Paul AllenIf Paul Allen hadn’t accidentally locked himself inside a closet that time, I wouldn’t have this lackluster operating system to type this into. It’s Windows 2000, for the record, and while it’s wonderfully stable, it paradoxically lacks the je ne sais quoi it would have had if Allen were running Microsoft all those years instead of my esteemed and cranky grandfather, William Henry Gates III.

10. Video Hockey

Video HockeyVideo Hockey is kinda exactly like Pong, except that you pretend you’re somehow playing hockey instead of playing Pong. You can also pretend you’re playing Billiards, Poker, Bowling, or Lawn Darts while playing Pong, but it’s not quite as realistic. That’s why Video Hockey thrived while the others failed.

11. IBM

IBMIn closing, we have to be thankful for IBM for creating this awesome Model M keyboard (101-key extended AT, manufactured August 13th, 1986) that I’m typing this on right now. Without their invention of this keyboard — which is, undoubtedly, the greatest keyboard ever created — I would probably be typing this on an upside-down, backwards, inverted key-mouse contraption that Microsoft’s janitors pooped out while everyone else was busy counting their money. If that were the case, then I probably wouldn’t be able to type at all, because I’d have to wait five minutes for it to reboot between each keystroke. So most likely, I wouldn’t have even written this article.

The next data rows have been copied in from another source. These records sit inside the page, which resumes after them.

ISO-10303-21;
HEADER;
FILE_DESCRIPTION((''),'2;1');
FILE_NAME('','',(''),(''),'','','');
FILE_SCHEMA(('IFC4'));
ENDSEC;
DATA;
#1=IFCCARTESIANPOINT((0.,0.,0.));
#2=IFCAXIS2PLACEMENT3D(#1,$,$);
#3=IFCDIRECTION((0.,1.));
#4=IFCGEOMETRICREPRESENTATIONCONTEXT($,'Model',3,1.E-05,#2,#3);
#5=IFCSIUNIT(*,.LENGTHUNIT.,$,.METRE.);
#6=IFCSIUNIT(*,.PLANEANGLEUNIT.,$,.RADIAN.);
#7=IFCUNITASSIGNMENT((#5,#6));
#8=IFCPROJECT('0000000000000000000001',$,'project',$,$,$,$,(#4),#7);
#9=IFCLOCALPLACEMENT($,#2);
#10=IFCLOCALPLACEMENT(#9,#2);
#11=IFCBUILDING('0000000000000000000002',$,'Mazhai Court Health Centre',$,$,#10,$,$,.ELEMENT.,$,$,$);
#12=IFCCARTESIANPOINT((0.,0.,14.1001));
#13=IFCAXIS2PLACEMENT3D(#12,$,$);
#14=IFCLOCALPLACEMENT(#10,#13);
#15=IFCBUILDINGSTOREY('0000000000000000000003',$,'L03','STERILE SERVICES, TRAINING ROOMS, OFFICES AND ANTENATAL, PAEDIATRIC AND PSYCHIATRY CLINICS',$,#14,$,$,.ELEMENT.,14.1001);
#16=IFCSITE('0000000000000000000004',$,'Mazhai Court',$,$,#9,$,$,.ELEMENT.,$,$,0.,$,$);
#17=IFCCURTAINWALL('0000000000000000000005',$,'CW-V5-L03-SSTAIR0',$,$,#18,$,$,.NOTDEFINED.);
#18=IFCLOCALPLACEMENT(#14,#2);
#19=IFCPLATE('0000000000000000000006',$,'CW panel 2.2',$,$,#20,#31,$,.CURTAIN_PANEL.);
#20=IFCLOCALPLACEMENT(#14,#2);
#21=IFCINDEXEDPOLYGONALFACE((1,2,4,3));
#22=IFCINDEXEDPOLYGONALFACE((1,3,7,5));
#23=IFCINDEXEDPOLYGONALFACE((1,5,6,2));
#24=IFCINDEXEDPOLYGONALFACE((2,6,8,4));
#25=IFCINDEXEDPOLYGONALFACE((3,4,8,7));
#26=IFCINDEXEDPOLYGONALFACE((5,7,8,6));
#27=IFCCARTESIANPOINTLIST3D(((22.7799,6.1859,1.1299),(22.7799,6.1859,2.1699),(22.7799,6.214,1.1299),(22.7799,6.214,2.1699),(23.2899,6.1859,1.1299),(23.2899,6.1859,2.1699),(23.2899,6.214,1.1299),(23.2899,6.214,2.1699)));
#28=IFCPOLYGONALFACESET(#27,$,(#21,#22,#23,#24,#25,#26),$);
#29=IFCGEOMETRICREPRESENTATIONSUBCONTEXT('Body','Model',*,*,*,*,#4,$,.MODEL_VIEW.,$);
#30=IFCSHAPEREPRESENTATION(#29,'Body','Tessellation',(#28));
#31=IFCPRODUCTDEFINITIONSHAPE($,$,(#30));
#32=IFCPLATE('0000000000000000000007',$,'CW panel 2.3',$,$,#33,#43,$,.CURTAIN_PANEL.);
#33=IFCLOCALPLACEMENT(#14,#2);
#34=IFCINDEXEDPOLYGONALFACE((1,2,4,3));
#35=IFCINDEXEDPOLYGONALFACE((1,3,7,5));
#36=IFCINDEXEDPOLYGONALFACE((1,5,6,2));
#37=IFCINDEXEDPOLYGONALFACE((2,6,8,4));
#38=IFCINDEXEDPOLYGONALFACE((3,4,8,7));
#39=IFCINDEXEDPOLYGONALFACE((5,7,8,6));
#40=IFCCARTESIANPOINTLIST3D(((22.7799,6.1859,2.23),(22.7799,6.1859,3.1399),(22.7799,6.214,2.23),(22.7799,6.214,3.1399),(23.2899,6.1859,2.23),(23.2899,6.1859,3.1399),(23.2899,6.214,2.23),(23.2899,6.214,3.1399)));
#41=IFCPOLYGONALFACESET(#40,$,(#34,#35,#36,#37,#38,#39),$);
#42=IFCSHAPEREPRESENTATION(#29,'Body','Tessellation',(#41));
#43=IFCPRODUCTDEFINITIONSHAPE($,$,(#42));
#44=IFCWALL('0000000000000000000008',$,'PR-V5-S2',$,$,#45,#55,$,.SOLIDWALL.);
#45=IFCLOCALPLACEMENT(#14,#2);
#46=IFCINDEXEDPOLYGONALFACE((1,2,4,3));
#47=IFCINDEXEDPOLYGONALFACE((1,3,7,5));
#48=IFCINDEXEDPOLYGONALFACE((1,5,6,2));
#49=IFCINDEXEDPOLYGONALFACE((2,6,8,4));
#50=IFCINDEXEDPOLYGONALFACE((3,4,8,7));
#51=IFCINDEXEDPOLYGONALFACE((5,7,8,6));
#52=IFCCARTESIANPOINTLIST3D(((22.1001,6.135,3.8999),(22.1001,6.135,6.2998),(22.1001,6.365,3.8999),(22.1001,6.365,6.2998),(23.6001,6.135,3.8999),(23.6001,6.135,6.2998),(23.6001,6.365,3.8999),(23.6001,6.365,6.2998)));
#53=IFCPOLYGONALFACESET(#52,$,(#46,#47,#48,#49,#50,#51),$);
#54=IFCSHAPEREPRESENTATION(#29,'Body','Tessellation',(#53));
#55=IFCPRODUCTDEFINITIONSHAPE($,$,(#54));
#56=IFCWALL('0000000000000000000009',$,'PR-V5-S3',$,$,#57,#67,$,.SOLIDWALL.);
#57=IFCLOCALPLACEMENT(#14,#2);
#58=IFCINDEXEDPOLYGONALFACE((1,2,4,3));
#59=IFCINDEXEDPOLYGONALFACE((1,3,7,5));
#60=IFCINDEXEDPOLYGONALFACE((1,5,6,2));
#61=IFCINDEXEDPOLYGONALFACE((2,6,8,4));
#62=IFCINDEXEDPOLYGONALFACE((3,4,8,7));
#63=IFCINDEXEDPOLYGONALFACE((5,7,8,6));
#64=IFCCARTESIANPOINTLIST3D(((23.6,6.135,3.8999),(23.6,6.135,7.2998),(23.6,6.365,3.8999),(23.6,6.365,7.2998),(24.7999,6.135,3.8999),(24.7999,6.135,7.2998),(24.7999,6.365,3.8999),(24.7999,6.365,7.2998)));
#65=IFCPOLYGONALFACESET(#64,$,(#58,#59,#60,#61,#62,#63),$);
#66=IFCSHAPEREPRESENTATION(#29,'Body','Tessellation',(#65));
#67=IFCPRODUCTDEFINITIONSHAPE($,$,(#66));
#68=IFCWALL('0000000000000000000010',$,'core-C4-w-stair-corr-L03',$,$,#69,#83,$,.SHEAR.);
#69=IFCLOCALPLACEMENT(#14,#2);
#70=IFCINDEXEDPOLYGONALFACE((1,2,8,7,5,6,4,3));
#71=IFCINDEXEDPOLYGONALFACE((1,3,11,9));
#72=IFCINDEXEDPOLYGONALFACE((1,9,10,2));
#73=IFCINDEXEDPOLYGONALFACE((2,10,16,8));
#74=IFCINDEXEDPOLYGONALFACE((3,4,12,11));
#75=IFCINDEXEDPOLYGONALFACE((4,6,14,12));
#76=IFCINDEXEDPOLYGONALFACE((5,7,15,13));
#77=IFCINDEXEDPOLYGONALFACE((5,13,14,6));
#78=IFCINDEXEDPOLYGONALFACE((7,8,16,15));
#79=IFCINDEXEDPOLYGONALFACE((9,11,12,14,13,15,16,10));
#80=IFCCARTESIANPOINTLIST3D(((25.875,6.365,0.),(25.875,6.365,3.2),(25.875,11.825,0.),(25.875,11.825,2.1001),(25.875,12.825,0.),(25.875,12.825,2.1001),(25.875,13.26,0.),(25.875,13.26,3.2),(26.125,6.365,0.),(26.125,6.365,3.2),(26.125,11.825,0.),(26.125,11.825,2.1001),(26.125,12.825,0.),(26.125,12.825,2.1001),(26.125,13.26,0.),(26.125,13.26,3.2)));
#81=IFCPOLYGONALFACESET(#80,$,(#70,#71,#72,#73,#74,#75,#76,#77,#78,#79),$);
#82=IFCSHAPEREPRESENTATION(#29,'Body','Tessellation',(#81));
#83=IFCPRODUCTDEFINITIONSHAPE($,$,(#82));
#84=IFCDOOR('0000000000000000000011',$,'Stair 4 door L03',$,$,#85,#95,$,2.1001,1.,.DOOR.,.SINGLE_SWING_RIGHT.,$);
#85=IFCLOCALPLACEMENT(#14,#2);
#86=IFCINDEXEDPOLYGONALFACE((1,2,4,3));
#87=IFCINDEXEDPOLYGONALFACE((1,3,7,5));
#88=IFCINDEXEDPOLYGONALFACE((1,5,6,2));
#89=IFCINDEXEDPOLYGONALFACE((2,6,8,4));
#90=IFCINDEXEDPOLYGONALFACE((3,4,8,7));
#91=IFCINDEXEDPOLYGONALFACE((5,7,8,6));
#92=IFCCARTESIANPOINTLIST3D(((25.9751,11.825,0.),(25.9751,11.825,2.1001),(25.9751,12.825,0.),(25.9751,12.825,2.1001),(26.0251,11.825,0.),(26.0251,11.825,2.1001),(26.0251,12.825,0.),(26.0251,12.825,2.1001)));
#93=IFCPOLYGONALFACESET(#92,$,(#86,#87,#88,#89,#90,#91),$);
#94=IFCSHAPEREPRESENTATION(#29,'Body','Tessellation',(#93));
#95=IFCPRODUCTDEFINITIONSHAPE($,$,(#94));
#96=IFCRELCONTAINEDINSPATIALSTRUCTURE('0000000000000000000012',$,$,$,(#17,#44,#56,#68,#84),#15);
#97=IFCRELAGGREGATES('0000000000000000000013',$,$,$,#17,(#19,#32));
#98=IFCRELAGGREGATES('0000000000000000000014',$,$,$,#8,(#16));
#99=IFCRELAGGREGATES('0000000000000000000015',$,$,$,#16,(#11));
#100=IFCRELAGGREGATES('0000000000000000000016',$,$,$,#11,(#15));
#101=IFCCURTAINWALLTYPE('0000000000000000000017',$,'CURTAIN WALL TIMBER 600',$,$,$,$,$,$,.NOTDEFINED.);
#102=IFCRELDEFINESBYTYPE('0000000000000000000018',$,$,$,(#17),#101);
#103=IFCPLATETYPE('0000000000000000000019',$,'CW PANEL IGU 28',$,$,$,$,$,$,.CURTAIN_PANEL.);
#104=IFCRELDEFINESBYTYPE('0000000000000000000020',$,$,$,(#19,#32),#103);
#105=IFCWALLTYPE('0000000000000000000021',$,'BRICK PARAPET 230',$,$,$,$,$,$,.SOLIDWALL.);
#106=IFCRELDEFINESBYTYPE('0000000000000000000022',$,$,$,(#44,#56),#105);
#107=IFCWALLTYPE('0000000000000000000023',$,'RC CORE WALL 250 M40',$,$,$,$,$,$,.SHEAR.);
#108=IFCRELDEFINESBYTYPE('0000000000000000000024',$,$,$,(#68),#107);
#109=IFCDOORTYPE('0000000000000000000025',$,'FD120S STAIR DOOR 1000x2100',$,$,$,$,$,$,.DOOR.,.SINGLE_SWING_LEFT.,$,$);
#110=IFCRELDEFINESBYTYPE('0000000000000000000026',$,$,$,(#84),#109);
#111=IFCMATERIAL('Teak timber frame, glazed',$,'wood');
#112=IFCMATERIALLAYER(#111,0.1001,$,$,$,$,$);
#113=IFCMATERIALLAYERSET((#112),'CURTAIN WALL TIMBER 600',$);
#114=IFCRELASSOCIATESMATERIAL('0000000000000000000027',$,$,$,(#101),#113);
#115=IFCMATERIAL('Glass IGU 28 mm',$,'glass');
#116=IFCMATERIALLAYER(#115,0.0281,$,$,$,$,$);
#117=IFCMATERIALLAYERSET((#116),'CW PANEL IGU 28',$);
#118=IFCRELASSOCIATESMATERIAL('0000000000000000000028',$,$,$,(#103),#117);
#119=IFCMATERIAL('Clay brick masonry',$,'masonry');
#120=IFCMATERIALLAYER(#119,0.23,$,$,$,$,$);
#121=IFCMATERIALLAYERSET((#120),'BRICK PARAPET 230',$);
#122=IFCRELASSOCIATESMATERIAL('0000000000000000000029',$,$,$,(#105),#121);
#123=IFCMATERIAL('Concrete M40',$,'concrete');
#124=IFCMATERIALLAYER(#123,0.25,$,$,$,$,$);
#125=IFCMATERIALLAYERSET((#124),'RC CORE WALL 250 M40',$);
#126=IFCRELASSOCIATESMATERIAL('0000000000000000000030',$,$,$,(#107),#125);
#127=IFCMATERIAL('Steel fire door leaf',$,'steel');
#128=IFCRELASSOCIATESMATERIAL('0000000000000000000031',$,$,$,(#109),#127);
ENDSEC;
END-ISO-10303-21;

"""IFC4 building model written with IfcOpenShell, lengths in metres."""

from ifc_helpers import new_model, si_unit, direction, frame, frame_2d, origin, origin_2d, place, context, subcontext, project, spatial, rectangle, extrude, material, layer, layer_set, type_object, element, fill, aggregate, save


model = new_model("IFC4")

# Units and contexts
model_context = context("Model", 3, precision=1e-05, world=origin(), true_north=direction((0.0, 1.0)))
body_context = subcontext(model_context, "Body", "Model", "MODEL_VIEW")
ifc_project = project(units=[si_unit("LENGTHUNIT", "METRE"), si_unit("PLANEANGLEUNIT", "RADIAN")], contexts=[model_context])

# Site, building, storey
site_placement = place(None, origin())
site = spatial("IfcSite", under=ifc_project, at=site_placement, Name="Mazhai Court", CompositionType="ELEMENT", RefElevation=0.0)
building_placement = place(site_placement, origin())
building = spatial("IfcBuilding", under=site, at=building_placement, Name="Mazhai Court Health Centre", CompositionType="ELEMENT")
storey_placement = place(building_placement, frame((0.0, 0.0, 14.1001)))
storey = spatial("IfcBuildingStorey", under=building, at=storey_placement, Name="L03", Description="STERILE SERVICES, TRAINING ROOMS, OFFICES AND ANTENATAL, PAEDIATRIC AND PSYCHIATRY CLINICS", CompositionType="ELEMENT", Elevation=14.1001)

# Curtain wall, plates
ifc_material_1 = material(Name="Teak timber frame, glazed", Category="wood")
ifc_layer_1 = layer(ifc_material_1, 0.1001)
ifc_layer_set_1 = layer_set([ifc_layer_1], Name="CURTAIN WALL TIMBER 600")
curtain_wall_type = type_object("IfcCurtainWallType", Name="CURTAIN WALL TIMBER 600", PredefinedType="NOTDEFINED", material=ifc_layer_set_1)
curtain_wall_placement = place(storey_placement, origin())
curtain_wall = element("IfcCurtainWall", 1, at=curtain_wall_placement, inside=storey, type_object=curtain_wall_type, Name="CW-V5-L03-SSTAIR0", PredefinedType="NOTDEFINED")
ifc_material_2 = material(Name="Glass IGU 28 mm", Category="glass")
ifc_layer_2 = layer(ifc_material_2, 0.0281)
ifc_layer_set_2 = layer_set([ifc_layer_2], Name="CW PANEL IGU 28")
plate_type = type_object("IfcPlateType", Name="CW PANEL IGU 28", PredefinedType="CURTAIN_PANEL", material=ifc_layer_set_2)
plate_1_placement = place(storey_placement, frame((23.0349, 6.2, 1.1299), z_axis=(0.0, 0.0, 1.0), x_axis=(-1.0, 0.0, 0.0)))
plate_1 = element("IfcPlate", 2, at=plate_1_placement, type_object=plate_type, Name="CW panel 2.2", PredefinedType="CURTAIN_PANEL", context=body_context, shape_type="SweptSolid", body=[
    extrude(rectangle(XDim=0.51, YDim=0.0281, at=origin_2d()), origin(), (0.0, 0.0, 1.0), 1.04),
])
plate_2_placement = place(storey_placement, frame((23.0349, 6.2, 2.23), z_axis=(0.0, 0.0, 1.0), x_axis=(-1.0, 0.0, 0.0)))
plate_2 = element("IfcPlate", 3, at=plate_2_placement, type_object=plate_type, Name="CW panel 2.3", PredefinedType="CURTAIN_PANEL", context=body_context, shape_type="SweptSolid", body=[
    extrude(rectangle(XDim=0.51, YDim=0.0281, at=origin_2d()), origin(), (0.0, 0.0, 1.0), 0.9099),
])
aggregate(curtain_wall, [plate_1, plate_2])

# Walls
ifc_material_3 = material(Name="Clay brick masonry", Category="masonry")
ifc_layer_3 = layer(ifc_material_3, 0.23)
ifc_layer_set_3 = layer_set([ifc_layer_3], Name="BRICK PARAPET 230")
wall_type_1 = type_object("IfcWallType", Name="BRICK PARAPET 230", PredefinedType="SOLIDWALL", material=ifc_layer_set_3)
wall_1_placement = place(storey_placement, frame((23.6001, 6.25, 3.8999), z_axis=(0.0, 0.0, 1.0), x_axis=(-1.0, 0.0, 0.0)))
element("IfcWall", 4, at=wall_1_placement, inside=storey, type_object=wall_type_1, Name="PR-V5-S2", PredefinedType="SOLIDWALL", context=body_context, shape_type="SweptSolid", body=[
    extrude(rectangle(XDim=1.5, YDim=0.23, at=frame_2d((0.75, 0.0))), origin(), (0.0, 0.0, 1.0), 2.3999),
])
wall_2_placement = place(storey_placement, frame((24.8, 6.25, 3.8999), z_axis=(0.0, 0.0, 1.0), x_axis=(-1.0, 0.0, 0.0)))
element("IfcWall", 5, at=wall_2_placement, inside=storey, type_object=wall_type_1, Name="PR-V5-S3", PredefinedType="SOLIDWALL", context=body_context, shape_type="SweptSolid", body=[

And that’s something you might have been quite thankful for.

Happy Thanksgiving from Vintage Computing and Gaming.

10 Responses to “What Computer Nerds Should Be Thankful For”

  1. Daniel Kinney Says:

    Regarding #11: I dunno. The Dvorak keyboard is pretty nice. Heck of a lot more efficient, anyway. 😉

  2. Gabriel Says:

    If you’re thankful for Tim Berners-Lee, the least you can do is spell his name right…

  3. RedWolf Says:

    Yeah, you’re right, Gabriel! Thanks, I fixed it.

  4. Booker Says:

    Not to sound completely out of touch…BUT….what did Tim Berners-Lee invent?

  5. RedWolf Says:

    Tim Berners-Lee invented the World Wide Web. Pretty great invention, eh? 🙂

  6. Booker Says:

    AH yes….that guy! Thx RedWolf….almost forgot about that guy.

  7. Michael Horton Says:

    Lee did not invent the internet. He just took credit for it. The military was using a privatetized version of the world wide web, well before the general public had access to such.

  8. RedWolf Says:

    Michael, there’s one big problem with what you just said:

    The Internet and the World Wide Web are two different things. The World Wide Web, which was invented by Berners-Lee, runs over the Internet. The Internet itself existed long before the World Wide Web and will continue to do so regardless of WWW’s existence. So no, Berners-Lee did not take credit for inventing the Internet. For further reading on the Web vs. Internet thing, check this out.

    The honor of inventing the Internet goes to the Pilgrims.

  9. dreggy Says:

    what about the apple][ where would we be without that.

  10. RedWolf Says:

    Excellent point, my friend! I think we could add cool things to the list all day long. In fact, everyone should feel free to do so if they like.